Monday, July 29, 2013

The Trip Home

After our wonderfully rich spirit-filled weekend, it was time to get down to business.  Monday we visited three bookstores:  Bellaluna Boutique, The Eye of Horus and Magus Books.  All were quite receptive to the Psycards and one even offered to represent Psycards as the distributor to 430 other bookstores.  

Then it was on to the big kahuna:  Llewellyn Publishing.  Now anyone who knows anything about metaphysical books knows Llewellyn.  They have been publishing practical, quality books on all aspects of metaphysics for decades.  I had prepared a detailed cover letter, and collected my book, Nick’s book, the Psycards, and a brochure, all of which I left for Barbara Moore, the acquisitions editor for cards and such. I was not able to meet with her personally because the editors aren’t housed at the headquarters.  Barbara is also one of Llewellyn’s authors and an expert on Tarot and oracles.  So, I blessed the package, put in the hands of the angels and now we wait.

By mid-afternoon we were headed back south along the Great River Road, this time we took the Wisconsin side of The River.  We were physically and mentally exhausted so we didn’t get as far and spent the night in Pepin, WI. On Tuesday, we traveled through Dubuque to pick up US 61, a quicker route back to the QCA.  I stopped at River Lights Bookstore and discussed consignment and possible workshops.  So, altogether we hit five bookstores and a publisher—I hope all those seeds have found fertile soil.

Like the trip up, we wanted to stop and see all the little parks and historic things along the way.  However, Wisconsin’s parks apparently aren’t free.  Every state park or site we stopped at wanted a minimum of $7 just to drive through, and one historic site wanted $18!  Needless to say, we didn’t have that kind of money to toss around, so we kept on moving.  I’m not sure I like Wisconsin.  Minnesota was much friendlier. But Wisconsin was also beautiful.

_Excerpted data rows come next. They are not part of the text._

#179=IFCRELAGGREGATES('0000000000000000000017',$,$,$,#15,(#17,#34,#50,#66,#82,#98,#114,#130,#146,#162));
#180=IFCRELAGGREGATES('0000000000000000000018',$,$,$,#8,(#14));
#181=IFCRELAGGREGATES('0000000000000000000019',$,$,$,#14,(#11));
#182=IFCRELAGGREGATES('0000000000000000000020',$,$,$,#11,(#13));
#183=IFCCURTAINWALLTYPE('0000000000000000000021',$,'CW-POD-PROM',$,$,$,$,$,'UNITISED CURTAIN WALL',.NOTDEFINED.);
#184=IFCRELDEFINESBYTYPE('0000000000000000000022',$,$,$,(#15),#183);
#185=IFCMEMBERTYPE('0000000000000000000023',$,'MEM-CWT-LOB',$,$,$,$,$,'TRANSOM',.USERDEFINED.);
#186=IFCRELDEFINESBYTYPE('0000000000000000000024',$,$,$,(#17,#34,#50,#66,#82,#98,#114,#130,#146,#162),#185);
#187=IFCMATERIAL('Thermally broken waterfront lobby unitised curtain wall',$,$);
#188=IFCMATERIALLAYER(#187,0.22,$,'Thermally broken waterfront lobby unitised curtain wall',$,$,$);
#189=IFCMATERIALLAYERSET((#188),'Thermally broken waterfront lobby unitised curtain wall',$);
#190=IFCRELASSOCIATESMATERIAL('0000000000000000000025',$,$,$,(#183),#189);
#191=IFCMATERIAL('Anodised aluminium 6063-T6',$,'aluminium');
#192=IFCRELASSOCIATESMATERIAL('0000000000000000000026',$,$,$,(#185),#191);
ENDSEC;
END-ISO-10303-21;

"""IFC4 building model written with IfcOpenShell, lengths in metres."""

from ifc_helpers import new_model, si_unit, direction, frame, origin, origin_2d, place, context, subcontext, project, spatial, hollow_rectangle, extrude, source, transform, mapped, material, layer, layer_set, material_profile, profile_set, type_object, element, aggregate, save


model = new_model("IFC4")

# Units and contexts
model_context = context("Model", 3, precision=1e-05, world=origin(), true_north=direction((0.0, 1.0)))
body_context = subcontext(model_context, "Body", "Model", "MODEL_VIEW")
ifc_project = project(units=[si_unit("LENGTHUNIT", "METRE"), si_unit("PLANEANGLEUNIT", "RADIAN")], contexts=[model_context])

Drawbridge in Prescott, WI

We did manage to enjoy Maiden Rock—there was no charge to read the historical marker or look at the rock itself.
Lake Pepin

One of the places we stopped was Black Hawk Park (U.S. Army Corps of Engineers) in DeSoto, Wisconsin.  I was drawn to one spot and when we read the marker I was filled with tears and sorrow. The marker was Black Hawk Marker 7, the Head of Battle Isle.  The marker read:

On the eve of August 1, 1832, Black Hawk and his men, with a flag of truce, went to the head of this island to surrender to the captain of steamer "Warrior." Whites on boat asked, "Are you Winnebagos or Sac?" "Sacs" replied Black Hawk.  A loaded canister was at once fired killing 23 Indians suing for peace.
A second, older marker read:

"The Battle of Bad Axe ended the very sorry spectacle we now call the Black Hawk War.  The Indians stumbled into these events because of lies, misinformation, and stubborn, wishful thinking.  The actual conflict began only because Gen. Atkinson authorized the undisciplined and poorly led militia units to precede his regular army troops and to travel without an interpreter.  Black Hawk had sent a small group to ask for peace talks with Stillman's Militiamen only to have his men shot.  During the night after the Battle of Wisconsin Heights, Nampope tried to get the whites to agree to a surrender, but again the lack of an interpreter foiled that effort to end the fighting.  Even their last-ditch white flag show to troops aboard the WARRIOR brought a hail of lead instead of a chance to surrender.  Perhaps as many as a thousand people may have died for nothing!"
Further information reveals that men, women and children were all gunned down ruthlessly. The killing continued for eight hours!  They shot women with babies on their backs trying to escape the gunfire through the water. 

I went back to the car after reading this and retrieved my staff and my medicine blanket and tobacco and went to the water's edge.  There I said a blessing, sang a spirit song that came to me, and offered tobacco in honor and in apology. There is no excuse for this sort of tragedy, of travesty.  God is merciful, but men seldom are. 

We returned to happy friends and grateful talkative cats, spent a couple of days resting, then moved off to Thompson Causeway here north of Clinton.  Today, we are going “home”—back to the QC because out here we have spotty Internet service, no television, and lots of mosquitoes.  Our RV is being repaired later this week or early next—new awning and air conditioner cover.  No more raining inside the RV. 

The weather is freaky and wonderful—a low this morning of 49 degrees!  In July!  In the Midwest!  I thank Spirit for the relief, for the kindness of mild weather.